Beautiful indeed. Specially these tea gardens. Sonar.

Reactions: Like Like:
1


----------



## Bilal9

fitpOsitive said:


> Beautiful indeed. Specially these tea gardens. Sonar.



Thanks Brother...now you know where your tea comes from.

Reactions: Like Like:
1


----------



## fitpOsitive

Bilal9 said:


> Thanks Brother...now you know where your tea comes from.


Kenya.

Reactions: Like Like:
2


----------



## Bilal9

fitpOsitive said:


> Kenya.



Good Answer. 

Large portion of Bangladesh tea goes to Pakistan though, the Ispahanis still live here. And own tea gardens to boot.

Reactions: Like Like:
1


----------



## fitpOsitive

Bilal9 said:


> Good Answer.
> 
> Large portion of Bangladesh tea goes to Pakistan though, the Ispahanis still live here. And own tea gardens to boot.


We are second largest consumers, so you see.


----------



## Michael Corleone

@Bilal9 bhai, or jole... kotha boilen na 
@DalalErMaNodi bhujaite parbe

Reactions: Like Like:
2


----------



## DalalErMaNodi

Sylhet 







Sundarbans

Reactions: Like Like:
2


----------



## DalalErMaNodi

Purbanchal New Town will be a masterpiece 

For those who aren't in the know, purbanchal is the new capital city of Bangladesh that is currently under construction. 

From a plat plain into a futuristic city, topped off with a central business district which would at the lease host 42 skyscrapers including the some of the Asia-Pacific's tallest buildings.


At 3:17 you can see the new Bangladesh-China friendship exhibition centre; a convention center so to speak.








You can see the latest update in this video :

Reactions: Like Like:
1


----------



## Bilal9

Shariakandi, Rajshahi





Bhashani Novotheatre, Midtown Dhaka


----------



## Bilal9

SadarGhat Launch and Ferry terminal, Dhaka


----------



## Bilal9

Chittagong City area and Sitakunda Travel Guide


----------



## DalalErMaNodi



Reactions: Like Like:
1


----------



## DalalErMaNodi

Water lilies being sorted in the village of Satla of Barishal






Water is a part of life in Bangladesh, it gives life, takes it along with all your possessions at times, gives millions a livelihood as well, a mode of travel and also water being water it is a place to washup.
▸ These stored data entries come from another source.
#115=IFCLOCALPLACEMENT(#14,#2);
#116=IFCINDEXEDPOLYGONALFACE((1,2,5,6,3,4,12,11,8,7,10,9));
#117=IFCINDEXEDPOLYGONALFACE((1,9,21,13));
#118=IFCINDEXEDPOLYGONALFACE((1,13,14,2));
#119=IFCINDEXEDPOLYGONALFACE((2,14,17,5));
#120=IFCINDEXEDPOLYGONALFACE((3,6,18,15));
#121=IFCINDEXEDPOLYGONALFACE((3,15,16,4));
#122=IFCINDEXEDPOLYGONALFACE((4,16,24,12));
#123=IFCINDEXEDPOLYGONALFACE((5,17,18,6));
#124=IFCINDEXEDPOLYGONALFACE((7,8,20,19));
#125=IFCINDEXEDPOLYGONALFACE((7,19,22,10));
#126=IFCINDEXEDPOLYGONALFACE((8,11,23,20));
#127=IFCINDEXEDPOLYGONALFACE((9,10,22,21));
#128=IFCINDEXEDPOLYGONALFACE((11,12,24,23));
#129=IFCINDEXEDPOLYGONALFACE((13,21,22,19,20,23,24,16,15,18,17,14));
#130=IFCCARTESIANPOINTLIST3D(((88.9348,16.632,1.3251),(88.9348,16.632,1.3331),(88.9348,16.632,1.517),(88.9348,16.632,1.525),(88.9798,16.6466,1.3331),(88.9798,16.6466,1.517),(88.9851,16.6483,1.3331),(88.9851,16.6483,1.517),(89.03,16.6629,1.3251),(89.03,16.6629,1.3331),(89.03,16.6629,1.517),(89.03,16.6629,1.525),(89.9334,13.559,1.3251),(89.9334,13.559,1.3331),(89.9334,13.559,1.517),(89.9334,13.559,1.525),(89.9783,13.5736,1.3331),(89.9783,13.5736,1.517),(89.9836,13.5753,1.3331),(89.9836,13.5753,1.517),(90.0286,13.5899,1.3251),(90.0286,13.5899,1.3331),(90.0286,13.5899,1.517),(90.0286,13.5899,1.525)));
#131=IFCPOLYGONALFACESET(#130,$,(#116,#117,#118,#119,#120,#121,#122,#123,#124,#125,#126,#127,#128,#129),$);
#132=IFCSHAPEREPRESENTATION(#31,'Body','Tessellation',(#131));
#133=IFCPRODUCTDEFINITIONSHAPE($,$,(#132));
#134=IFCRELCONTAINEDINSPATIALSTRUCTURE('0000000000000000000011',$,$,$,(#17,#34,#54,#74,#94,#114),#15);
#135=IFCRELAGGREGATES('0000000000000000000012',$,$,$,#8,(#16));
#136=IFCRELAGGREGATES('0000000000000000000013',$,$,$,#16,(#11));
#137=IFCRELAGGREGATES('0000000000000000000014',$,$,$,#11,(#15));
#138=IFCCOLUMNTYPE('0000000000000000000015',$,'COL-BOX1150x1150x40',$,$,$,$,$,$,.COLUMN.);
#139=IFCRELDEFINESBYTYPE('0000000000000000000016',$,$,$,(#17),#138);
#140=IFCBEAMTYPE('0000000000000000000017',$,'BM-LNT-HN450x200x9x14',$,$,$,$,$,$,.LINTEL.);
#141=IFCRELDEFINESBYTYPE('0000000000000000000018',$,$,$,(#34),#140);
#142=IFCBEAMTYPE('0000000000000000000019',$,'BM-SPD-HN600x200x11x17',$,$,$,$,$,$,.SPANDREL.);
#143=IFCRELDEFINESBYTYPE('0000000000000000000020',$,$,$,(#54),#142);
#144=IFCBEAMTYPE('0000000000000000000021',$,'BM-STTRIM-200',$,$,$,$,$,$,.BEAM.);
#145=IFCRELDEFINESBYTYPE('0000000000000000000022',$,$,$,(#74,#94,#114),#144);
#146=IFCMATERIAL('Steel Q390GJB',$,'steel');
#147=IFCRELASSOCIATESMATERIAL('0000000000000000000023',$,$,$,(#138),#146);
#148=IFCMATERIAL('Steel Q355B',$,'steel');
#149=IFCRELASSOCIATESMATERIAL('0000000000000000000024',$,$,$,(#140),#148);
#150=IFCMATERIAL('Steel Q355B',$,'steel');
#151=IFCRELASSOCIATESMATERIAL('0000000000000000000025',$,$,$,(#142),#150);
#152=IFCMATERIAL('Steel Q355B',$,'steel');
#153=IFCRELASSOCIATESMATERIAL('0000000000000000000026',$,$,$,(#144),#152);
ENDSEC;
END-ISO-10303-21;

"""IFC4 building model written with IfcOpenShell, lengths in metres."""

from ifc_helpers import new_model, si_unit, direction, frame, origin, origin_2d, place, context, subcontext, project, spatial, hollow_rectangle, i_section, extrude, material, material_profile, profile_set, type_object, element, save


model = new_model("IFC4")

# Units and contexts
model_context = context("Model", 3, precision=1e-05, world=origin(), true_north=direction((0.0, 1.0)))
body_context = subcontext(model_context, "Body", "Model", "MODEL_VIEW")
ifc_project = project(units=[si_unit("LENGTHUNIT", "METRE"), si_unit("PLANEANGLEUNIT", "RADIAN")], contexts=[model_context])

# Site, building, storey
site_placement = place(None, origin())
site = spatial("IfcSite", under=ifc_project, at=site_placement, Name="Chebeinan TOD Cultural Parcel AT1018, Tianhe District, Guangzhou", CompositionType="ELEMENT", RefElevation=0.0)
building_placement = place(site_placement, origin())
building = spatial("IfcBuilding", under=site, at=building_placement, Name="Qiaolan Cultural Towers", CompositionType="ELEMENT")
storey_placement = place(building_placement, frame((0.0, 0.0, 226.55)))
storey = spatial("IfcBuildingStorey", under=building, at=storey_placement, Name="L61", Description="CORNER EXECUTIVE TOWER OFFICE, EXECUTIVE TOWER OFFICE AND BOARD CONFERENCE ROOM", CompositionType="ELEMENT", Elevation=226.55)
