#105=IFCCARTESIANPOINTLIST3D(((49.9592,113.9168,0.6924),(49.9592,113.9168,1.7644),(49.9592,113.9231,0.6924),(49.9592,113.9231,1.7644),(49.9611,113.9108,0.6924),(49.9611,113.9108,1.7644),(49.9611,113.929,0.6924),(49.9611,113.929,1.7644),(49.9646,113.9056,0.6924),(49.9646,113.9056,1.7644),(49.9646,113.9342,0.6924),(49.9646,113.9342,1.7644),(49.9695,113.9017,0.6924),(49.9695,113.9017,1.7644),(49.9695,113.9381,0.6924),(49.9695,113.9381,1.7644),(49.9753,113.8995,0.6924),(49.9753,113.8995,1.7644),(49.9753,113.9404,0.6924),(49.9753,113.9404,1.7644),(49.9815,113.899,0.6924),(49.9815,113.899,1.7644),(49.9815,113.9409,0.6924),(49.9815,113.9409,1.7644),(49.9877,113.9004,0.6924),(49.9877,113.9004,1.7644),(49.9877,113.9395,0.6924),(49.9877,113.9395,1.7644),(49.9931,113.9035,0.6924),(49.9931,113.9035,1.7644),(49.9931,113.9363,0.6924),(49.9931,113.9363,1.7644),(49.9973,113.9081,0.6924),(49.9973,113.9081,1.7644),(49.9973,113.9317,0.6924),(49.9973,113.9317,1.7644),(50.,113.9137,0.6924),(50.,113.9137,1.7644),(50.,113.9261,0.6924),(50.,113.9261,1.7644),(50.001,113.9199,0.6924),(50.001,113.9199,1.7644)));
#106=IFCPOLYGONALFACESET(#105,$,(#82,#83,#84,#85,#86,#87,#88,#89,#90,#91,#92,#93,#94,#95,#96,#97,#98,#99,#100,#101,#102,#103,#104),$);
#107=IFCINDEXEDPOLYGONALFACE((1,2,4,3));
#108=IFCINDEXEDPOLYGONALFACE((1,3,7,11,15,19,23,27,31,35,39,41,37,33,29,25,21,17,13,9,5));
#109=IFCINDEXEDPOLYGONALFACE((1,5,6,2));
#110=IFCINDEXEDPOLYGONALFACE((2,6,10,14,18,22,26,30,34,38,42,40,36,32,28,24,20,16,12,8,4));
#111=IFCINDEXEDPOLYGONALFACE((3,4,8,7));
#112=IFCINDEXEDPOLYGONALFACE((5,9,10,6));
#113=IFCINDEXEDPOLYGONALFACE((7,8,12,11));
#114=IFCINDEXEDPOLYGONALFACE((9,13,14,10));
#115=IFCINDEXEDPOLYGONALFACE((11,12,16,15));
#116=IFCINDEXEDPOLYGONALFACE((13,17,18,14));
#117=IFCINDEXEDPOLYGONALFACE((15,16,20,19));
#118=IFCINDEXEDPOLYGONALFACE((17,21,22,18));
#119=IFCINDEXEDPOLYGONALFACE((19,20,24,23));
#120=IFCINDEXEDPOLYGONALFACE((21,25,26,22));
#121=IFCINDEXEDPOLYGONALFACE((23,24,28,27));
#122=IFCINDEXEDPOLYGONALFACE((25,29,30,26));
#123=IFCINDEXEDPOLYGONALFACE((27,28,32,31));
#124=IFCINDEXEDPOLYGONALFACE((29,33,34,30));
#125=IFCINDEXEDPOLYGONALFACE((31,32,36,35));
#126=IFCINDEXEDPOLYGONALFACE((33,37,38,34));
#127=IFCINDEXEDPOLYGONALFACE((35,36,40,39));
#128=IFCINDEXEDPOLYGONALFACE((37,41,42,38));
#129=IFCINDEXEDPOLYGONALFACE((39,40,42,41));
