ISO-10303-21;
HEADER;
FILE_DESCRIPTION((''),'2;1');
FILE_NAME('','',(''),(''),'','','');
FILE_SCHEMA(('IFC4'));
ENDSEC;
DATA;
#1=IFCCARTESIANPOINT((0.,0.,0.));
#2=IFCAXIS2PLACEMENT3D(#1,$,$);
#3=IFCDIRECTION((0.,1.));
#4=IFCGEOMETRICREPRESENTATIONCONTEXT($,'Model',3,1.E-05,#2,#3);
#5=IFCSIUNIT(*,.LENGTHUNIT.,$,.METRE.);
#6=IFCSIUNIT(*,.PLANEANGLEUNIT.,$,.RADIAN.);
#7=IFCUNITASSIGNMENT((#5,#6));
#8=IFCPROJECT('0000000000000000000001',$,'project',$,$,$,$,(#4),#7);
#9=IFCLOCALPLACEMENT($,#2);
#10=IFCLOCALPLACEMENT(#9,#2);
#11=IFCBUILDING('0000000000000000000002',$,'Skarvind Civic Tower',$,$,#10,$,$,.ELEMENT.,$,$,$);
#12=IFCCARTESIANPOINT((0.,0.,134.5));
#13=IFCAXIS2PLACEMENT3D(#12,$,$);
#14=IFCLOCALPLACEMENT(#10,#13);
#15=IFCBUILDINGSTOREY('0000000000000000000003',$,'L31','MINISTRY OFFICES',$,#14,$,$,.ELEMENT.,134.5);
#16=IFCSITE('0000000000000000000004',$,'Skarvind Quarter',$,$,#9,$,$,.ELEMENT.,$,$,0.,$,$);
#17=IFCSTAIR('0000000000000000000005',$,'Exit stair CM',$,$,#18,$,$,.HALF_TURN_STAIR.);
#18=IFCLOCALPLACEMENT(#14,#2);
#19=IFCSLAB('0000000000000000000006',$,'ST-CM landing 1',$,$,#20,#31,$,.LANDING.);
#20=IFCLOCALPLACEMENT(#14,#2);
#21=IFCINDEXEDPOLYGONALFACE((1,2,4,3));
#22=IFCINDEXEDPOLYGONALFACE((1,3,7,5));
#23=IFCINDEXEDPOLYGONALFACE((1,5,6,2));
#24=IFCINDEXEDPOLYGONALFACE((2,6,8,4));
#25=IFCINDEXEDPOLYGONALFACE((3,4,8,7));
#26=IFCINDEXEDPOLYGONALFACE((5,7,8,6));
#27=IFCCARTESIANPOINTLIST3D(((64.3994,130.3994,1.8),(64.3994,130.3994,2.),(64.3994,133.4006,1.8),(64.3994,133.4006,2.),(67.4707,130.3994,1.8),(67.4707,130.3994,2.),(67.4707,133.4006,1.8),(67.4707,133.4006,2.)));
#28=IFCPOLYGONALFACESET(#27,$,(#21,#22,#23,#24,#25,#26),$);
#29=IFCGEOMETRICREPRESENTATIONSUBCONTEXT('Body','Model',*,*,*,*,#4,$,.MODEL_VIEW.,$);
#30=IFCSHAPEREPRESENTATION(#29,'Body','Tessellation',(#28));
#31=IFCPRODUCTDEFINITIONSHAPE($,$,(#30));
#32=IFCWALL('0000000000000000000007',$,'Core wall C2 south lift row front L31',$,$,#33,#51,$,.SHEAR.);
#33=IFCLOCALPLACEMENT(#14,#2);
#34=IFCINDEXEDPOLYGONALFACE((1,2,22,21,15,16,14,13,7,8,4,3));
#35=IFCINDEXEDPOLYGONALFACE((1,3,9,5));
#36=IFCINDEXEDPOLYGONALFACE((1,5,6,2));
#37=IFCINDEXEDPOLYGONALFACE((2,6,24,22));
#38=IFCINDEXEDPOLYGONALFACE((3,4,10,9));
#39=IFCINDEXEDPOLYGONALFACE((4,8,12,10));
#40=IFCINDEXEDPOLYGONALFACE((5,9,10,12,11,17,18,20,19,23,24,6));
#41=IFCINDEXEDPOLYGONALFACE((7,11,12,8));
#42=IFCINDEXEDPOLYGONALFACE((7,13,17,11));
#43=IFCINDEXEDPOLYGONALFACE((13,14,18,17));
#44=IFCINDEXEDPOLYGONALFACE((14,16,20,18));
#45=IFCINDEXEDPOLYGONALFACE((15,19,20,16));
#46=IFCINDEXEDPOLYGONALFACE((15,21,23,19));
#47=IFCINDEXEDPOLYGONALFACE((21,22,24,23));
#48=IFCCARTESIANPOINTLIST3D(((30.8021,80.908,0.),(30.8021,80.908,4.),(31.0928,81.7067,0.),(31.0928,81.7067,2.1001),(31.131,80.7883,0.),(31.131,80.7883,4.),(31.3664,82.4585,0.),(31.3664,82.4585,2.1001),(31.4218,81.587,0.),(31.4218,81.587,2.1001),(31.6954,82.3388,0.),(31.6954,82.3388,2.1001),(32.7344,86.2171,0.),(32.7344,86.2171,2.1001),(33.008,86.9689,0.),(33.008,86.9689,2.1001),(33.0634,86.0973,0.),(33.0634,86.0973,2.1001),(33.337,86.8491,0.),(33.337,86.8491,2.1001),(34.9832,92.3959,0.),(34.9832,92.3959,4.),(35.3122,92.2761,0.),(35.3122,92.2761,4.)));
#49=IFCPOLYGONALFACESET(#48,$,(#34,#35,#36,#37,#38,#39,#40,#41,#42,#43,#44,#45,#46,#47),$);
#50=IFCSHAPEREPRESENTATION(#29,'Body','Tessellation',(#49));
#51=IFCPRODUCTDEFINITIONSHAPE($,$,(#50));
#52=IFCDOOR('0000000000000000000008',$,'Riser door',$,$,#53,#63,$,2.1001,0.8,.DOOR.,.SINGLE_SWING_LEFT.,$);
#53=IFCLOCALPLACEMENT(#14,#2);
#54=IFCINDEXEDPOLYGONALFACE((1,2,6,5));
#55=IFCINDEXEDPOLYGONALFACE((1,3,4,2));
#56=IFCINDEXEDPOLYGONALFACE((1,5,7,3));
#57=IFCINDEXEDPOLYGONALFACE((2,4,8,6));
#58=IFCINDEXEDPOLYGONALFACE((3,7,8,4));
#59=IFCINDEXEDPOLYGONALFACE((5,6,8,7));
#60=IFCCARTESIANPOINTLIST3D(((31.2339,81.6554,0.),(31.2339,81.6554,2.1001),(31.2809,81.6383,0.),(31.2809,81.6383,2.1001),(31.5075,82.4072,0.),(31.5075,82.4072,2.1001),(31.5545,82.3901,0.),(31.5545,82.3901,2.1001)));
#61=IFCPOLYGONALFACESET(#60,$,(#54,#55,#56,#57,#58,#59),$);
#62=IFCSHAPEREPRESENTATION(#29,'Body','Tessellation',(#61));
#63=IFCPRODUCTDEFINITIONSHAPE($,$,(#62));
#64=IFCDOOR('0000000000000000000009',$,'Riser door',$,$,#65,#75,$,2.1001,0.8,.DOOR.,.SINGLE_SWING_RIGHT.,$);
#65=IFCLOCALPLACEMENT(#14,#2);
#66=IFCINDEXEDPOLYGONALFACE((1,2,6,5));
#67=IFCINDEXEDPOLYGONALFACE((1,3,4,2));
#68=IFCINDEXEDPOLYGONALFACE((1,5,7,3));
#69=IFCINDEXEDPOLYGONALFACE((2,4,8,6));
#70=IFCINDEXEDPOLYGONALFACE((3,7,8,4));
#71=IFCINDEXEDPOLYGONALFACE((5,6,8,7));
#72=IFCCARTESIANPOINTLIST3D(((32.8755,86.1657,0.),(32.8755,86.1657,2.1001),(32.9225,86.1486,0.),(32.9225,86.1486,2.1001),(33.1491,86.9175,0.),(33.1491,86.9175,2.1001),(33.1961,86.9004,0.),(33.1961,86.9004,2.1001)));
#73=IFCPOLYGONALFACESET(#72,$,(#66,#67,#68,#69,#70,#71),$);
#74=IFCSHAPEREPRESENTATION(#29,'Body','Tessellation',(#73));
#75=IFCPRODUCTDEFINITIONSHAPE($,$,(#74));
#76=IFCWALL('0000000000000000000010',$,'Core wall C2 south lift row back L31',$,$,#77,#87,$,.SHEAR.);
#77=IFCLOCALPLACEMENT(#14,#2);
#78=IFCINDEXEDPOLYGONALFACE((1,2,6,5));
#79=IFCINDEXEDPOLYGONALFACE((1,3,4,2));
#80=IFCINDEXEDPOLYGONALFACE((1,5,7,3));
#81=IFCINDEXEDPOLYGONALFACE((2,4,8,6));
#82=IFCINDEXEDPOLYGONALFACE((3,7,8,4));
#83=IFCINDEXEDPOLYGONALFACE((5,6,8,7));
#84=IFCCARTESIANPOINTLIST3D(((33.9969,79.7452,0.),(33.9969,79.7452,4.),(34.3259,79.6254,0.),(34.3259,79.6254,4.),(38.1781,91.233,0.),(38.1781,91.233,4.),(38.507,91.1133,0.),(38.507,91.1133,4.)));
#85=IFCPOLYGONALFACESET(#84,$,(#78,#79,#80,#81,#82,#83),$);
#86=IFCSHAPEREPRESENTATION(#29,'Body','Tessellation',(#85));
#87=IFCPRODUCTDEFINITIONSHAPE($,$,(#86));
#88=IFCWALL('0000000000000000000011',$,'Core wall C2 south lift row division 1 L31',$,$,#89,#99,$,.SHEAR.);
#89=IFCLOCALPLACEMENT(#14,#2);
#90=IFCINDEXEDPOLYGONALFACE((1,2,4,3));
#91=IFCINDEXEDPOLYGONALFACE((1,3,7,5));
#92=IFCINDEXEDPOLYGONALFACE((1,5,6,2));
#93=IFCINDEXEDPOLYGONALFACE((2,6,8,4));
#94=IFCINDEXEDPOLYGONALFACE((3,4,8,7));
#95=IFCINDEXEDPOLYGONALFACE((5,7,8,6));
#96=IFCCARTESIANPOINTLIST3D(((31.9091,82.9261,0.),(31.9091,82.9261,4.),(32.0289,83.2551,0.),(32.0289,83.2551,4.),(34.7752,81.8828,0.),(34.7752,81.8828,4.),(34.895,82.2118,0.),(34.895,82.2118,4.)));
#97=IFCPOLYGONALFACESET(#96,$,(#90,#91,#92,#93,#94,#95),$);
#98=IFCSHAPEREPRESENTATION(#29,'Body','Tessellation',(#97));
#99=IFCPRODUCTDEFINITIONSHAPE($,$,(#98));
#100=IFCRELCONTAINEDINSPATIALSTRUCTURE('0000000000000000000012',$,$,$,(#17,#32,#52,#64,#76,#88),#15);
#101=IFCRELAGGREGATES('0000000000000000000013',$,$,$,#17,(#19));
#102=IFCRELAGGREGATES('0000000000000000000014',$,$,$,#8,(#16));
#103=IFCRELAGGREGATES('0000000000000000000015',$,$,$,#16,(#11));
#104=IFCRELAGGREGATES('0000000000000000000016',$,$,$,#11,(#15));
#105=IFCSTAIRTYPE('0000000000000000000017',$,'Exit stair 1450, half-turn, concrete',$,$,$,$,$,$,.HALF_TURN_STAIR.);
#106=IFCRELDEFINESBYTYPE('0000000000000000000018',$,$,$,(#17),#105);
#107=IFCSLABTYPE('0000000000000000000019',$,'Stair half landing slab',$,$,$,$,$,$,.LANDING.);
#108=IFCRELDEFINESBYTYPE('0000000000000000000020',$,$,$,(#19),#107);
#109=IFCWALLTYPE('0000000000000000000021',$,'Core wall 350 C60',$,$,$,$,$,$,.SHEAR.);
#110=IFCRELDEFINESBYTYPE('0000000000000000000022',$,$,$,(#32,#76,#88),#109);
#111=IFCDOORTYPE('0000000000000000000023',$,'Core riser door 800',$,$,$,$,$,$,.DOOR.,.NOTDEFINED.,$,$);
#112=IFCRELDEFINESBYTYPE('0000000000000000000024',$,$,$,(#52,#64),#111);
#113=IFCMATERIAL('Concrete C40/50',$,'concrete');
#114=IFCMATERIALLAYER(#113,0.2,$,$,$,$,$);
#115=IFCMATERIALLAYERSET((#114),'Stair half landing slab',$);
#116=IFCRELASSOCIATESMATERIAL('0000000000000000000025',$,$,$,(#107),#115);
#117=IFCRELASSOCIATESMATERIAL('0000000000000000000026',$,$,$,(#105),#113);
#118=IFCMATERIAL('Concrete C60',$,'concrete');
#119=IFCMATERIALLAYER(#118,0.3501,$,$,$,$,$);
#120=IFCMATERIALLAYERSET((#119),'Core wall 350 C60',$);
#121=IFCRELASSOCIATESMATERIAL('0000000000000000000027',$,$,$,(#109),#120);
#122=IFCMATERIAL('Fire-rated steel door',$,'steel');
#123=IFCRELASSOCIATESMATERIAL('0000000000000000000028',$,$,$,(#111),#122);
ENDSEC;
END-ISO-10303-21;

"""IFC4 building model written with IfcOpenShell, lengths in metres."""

from ifc_helpers import new_model, si_unit, direction, frame, frame_2d, origin, place, context, subcontext, project, spatial, polyline, rectangle, outline, extrude, material, layer, layer_set, type_object, element, fill, aggregate, save


model = new_model("IFC4")

# Units and contexts
model_context = context("Model", 3, precision=1e-05, world=origin(), true_north=direction((0.0, 1.0)))
body_context = subcontext(model_context, "Body", "Model", "MODEL_VIEW")
ifc_project = project(units=[si_unit("LENGTHUNIT", "METRE"), si_unit("PLANEANGLEUNIT", "RADIAN")], contexts=[model_context])

# Site, building, storey
site_placement = place(None, origin())
site = spatial("IfcSite", under=ifc_project, at=site_placement, Name="Skarvind Quarter", CompositionType="ELEMENT", RefElevation=0.0)
building_placement = place(site_placement, origin())
building = spatial("IfcBuilding", under=site, at=building_placement, Name="Skarvind Civic Tower", CompositionType="ELEMENT")
storey_placement = place(building_placement, frame((0.0, 0.0, 134.5)))
storey = spatial("IfcBuildingStorey", under=building, at=storey_placement, Name="L31", Description="MINISTRY OFFICES", CompositionType="ELEMENT", Elevation=134.5)

# Shared definitions
ifc_material_1 = material(Name="Concrete C40/50", Category="concrete")

# Stair, slab
ifc_layer_1 = layer(ifc_material_1, 0.2)
ifc_layer_set_1 = layer_set([ifc_layer_1], Name="Stair half landing slab")
slab_type_1 = type_object("IfcSlabType", Name="Stair half landing slab", PredefinedType="LANDING", material=ifc_layer_set_1)
stair_type_1 = type_object("IfcStairType", Name="Exit stair 1450, half-turn, concrete", PredefinedType="HALF_TURN_STAIR", material=ifc_material_1)
stair_1_placement = place(storey_placement, origin())
stair_1 = element("IfcStair", 1, at=stair_1_placement, inside=storey, type_object=stair_type_1, Name="Exit stair CM", PredefinedType="HALF_TURN_STAIR")
slab_1_placement = place(storey_placement, frame((0.0, 0.0, 1.8)))
slab_1 = element("IfcSlab", 2, at=slab_1_placement, type_object=slab_type_1, Name="ST-CM landing 1", PredefinedType="LANDING", context=body_context, shape_type="SweptSolid", body=[
    extrude(outline(polyline([(67.4707, 133.4006), (67.4707, 130.3994), (64.3994, 130.3994), (64.3994, 133.4006), (67.4707, 133.4006)])), origin(), (0.0, 0.0, 1.0), 0.2),
])
aggregate(stair_1, [slab_1])

# Wall, openings, doors
ifc_material_2 = material(Name="Concrete C60", Category="concrete")
ifc_layer_2 = layer(ifc_material_2, 0.3501)
ifc_layer_set_2 = layer_set([ifc_layer_2], Name="Core wall 350 C60")
wall_type_1 = type_object("IfcWallType", Name="Core wall 350 C60", PredefinedType="SHEAR", material=ifc_layer_set_2)
wall_1_placement = place(storey_placement, frame((30.9666, 80.8481, 0.0), z_axis=(0.0, 0.0, 1.0), x_axis=(0.342016, 0.939694, 0.0)))
wall_1 = element("IfcWall", 3, at=wall_1_placement, inside=storey, type_object=wall_type_1, Name="Core wall C2 south lift row front L31", PredefinedType="SHEAR", context=body_context, shape_type="SweptSolid", body=[
    extrude(rectangle(XDim=12.2251, YDim=0.3501, at=frame_2d((6.1125, 0.0))), origin(), (0.0, 0.0, 1.0), 4.0),
])
opening_1_placement = place(wall_1_placement, frame((0.8501, 0.0, 0.0)))
opening_1 = element("IfcOpeningElement", 4, at=opening_1_placement, cuts=wall_1, PredefinedType="OPENING", context=body_context, shape_type="SweptSolid", body=[
    extrude(rectangle(XDim=0.8, YDim=2.1001, at=frame_2d((0.3999, 1.05))), frame((0.0, 0.1851, 0.0), z_axis=(0.0, -1.0, 0.0), x_axis=(1.0, 0.0, 0.0)), (0.0, 0.0, 1.0), 0.3701),
])
opening_2_placement = place(wall_1_placement, frame((5.6499, 0.0, 0.0)))
opening_2 = element("IfcOpeningElement", 5, at=opening_2_placement, cuts=wall_1, PredefinedType="OPENING", context=body_context, shape_type="SweptSolid", body=[
    extrude(rectangle(XDim=0.8, YDim=2.1001, at=frame_2d((0.3999, 1.05))), frame((0.0, 0.1851, 0.0), z_axis=(0.0, -1.0, 0.0), x_axis=(1.0, 0.0, 0.0)), (0.0, 0.0, 1.0), 0.3701),
])
ifc_material_3 = material(Name="Fire-rated steel door", Category="steel")
door_type_1 = type_object("IfcDoorType", Name="Core riser door 800", OperationType="NOTDEFINED", PredefinedType="DOOR", material=ifc_material_3)
door_1_placement = place(opening_1_placement, origin())
door_1 = element("IfcDoor", 6, at=door_1_placement, inside=storey, type_object=door_type_1, Name="Riser door", OperationType="SINGLE_SWING_LEFT", OverallHeight=2.1001, OverallWidth=0.8, PredefinedType="DOOR", context=body_context, shape_type="SweptSolid", body=[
It is a love and hate relationship, between the Bangladeshi and the Water bodies but we'd rather have our water bodies than lose them.








Lauch terminal in Dhaka over the river Buriganga ? (Not sure myself, too many rivers to remember)

This illustrates my point about how we use the river to travel and also a way to generate income for everyone involved in the ferrying business as well as human hauling via launches.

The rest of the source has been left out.